The impact would reduce same sex marriage to a second class type of marriage that has almost no legal or financial benefit. One need only look to Pennsylvania to understand this – while about 52% of same sex couples have married, a significant number 48% have not. This is as of the 2020 census with marriage equality being in place for six years. It also shows up in a national trend – the question is why are so many same sex couples choosing not the marry?
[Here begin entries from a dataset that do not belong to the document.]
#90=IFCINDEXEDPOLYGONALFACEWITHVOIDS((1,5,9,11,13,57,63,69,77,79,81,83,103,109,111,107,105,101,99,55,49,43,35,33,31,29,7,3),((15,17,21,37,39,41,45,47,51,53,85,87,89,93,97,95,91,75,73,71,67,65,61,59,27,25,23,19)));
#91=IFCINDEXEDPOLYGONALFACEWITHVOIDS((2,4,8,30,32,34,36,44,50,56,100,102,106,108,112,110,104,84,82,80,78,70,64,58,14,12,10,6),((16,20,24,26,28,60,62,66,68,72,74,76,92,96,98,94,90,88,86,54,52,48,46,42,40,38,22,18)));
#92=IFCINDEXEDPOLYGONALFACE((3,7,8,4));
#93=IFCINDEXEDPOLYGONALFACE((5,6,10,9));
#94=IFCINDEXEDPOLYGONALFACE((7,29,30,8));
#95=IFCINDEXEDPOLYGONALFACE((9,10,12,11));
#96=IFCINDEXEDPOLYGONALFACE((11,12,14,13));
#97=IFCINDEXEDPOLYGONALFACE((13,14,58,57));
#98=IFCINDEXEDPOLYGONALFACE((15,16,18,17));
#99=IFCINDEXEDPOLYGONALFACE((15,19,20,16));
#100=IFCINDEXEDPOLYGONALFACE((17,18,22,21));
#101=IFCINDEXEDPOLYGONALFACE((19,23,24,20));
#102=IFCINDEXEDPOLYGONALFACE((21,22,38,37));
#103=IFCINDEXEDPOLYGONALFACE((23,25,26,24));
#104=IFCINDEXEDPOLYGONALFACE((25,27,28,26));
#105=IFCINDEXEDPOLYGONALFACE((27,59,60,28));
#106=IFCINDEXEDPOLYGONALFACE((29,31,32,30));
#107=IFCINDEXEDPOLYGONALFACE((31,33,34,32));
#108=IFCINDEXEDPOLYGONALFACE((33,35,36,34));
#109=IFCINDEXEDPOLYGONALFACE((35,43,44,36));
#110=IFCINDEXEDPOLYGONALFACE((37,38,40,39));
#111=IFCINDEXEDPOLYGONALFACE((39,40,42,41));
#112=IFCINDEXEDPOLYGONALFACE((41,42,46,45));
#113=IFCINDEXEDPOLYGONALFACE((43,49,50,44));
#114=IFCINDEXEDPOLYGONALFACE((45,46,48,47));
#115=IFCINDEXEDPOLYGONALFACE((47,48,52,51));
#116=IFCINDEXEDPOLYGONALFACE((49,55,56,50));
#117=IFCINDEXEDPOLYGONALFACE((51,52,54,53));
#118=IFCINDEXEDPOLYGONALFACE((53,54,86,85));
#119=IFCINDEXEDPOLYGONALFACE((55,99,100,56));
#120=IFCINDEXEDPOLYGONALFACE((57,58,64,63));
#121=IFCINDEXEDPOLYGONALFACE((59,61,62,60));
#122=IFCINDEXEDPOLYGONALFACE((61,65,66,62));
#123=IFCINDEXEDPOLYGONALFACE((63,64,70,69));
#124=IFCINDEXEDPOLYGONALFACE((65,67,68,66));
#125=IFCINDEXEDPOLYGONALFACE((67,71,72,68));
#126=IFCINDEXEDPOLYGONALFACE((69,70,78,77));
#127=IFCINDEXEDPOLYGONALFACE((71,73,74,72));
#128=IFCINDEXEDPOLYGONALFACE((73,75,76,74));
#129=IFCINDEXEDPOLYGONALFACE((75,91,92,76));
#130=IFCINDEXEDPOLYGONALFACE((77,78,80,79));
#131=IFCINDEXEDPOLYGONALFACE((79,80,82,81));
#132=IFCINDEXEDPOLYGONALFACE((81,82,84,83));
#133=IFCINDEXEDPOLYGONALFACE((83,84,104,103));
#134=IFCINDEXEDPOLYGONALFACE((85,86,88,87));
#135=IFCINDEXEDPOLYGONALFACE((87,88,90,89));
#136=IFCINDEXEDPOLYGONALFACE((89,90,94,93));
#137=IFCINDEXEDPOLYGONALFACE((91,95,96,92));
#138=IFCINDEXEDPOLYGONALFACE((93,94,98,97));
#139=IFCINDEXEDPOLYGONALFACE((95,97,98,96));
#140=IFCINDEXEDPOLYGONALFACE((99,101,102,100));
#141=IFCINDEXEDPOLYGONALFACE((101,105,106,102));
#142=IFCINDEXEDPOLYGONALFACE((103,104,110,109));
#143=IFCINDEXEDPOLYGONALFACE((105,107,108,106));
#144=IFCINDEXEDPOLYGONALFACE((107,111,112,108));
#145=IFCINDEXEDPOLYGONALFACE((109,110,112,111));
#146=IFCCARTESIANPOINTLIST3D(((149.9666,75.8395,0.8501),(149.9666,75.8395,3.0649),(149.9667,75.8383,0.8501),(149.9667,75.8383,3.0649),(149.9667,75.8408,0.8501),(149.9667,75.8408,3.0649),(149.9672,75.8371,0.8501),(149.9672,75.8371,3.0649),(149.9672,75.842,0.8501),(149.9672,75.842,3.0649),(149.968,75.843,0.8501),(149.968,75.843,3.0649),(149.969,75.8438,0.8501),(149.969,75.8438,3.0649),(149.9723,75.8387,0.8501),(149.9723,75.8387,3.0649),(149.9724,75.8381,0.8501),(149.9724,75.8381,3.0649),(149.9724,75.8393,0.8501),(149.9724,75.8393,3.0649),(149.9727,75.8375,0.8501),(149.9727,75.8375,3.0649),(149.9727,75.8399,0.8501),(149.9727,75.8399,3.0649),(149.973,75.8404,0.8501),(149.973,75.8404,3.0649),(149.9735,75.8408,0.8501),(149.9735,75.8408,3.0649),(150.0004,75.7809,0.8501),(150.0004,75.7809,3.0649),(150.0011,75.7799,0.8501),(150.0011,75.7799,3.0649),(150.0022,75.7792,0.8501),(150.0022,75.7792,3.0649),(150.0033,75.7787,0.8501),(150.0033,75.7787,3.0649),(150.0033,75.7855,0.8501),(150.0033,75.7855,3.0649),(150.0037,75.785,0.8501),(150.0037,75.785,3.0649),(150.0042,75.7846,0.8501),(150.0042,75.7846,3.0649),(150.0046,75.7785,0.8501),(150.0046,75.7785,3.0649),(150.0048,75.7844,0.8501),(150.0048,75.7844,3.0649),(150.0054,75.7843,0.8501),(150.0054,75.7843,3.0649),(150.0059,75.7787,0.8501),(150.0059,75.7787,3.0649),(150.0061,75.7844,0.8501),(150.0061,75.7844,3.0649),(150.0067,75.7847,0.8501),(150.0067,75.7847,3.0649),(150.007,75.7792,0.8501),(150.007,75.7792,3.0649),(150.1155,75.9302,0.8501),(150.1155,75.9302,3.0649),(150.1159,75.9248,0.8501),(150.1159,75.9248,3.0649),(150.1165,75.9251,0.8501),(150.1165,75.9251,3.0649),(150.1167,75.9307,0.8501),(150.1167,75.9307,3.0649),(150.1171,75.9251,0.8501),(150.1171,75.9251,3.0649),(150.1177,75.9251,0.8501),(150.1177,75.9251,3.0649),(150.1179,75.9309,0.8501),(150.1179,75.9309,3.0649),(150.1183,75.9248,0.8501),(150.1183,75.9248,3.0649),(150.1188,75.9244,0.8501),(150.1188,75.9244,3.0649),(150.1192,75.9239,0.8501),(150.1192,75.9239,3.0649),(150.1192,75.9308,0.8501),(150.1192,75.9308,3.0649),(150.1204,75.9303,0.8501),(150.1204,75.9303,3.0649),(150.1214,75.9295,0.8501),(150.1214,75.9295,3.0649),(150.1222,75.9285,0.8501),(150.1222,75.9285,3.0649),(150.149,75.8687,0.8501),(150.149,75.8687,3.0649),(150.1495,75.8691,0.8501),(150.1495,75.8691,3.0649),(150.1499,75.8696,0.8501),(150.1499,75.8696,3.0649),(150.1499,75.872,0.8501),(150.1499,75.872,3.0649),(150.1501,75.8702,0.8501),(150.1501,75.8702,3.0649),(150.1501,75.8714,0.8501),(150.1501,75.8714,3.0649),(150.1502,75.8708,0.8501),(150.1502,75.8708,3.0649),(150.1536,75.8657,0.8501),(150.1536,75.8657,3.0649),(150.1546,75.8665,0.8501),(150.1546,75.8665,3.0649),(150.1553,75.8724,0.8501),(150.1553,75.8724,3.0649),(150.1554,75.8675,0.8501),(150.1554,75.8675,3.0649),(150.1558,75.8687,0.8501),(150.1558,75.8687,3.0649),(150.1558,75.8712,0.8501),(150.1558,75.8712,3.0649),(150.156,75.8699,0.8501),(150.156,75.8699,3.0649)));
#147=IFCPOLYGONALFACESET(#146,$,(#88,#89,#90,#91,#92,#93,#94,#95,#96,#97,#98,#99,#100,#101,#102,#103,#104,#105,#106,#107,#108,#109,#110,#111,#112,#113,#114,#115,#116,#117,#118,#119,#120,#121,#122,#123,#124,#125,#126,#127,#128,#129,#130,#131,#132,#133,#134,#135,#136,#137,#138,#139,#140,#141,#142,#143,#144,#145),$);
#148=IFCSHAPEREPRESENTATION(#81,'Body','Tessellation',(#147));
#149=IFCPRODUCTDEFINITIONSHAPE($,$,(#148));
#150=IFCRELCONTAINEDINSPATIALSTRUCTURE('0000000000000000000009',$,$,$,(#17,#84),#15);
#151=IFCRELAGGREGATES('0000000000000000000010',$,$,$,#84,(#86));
That warrants academic attention.
From a Pennsylvania perspective, I’d hazard that the lack of statewide discrimination protections, the lack of hate crimes protections, the inability of state government to effect change. the presence of white nationalists, the failure to codify second parent adoption, etc are good reasons why people might not marry. But that’s just a guess.
We might know on Monday if the Supreme Court will hear the Kim Davis case. If not, there’s room for a small breath of relief, but don’t be lulled into thinking that it is over. There’s another case, and another case. The Nazis are thinking ahead. They have a plan.
Do you?
ps: your plan should be to immediately see a LGBTQ competent family lawyer to get everything in order. how many people who have all of their immigration documentation in order are now rotting in concentration camps in spite of it all? honor them by doing what it takes to protect your family. And please make sure it is a LGBTQ+ competent lawyer, not your Dad’s golf buddy from St. Whatsihoosit Church or your cousin’s BFF who went to law school for two years before declaring a gap year to tour the couches and spare bedrooms of their entire family. Borrow the money, set up a GoFundMe, consult existing LGBTQ+ legal resources, do what you gotta do. If your kids are LGBTQ+, this is even more urgent.
I realize I often come across as hysterical and wound up. But I’m right far too often for that to stop you from at least considering what could happen.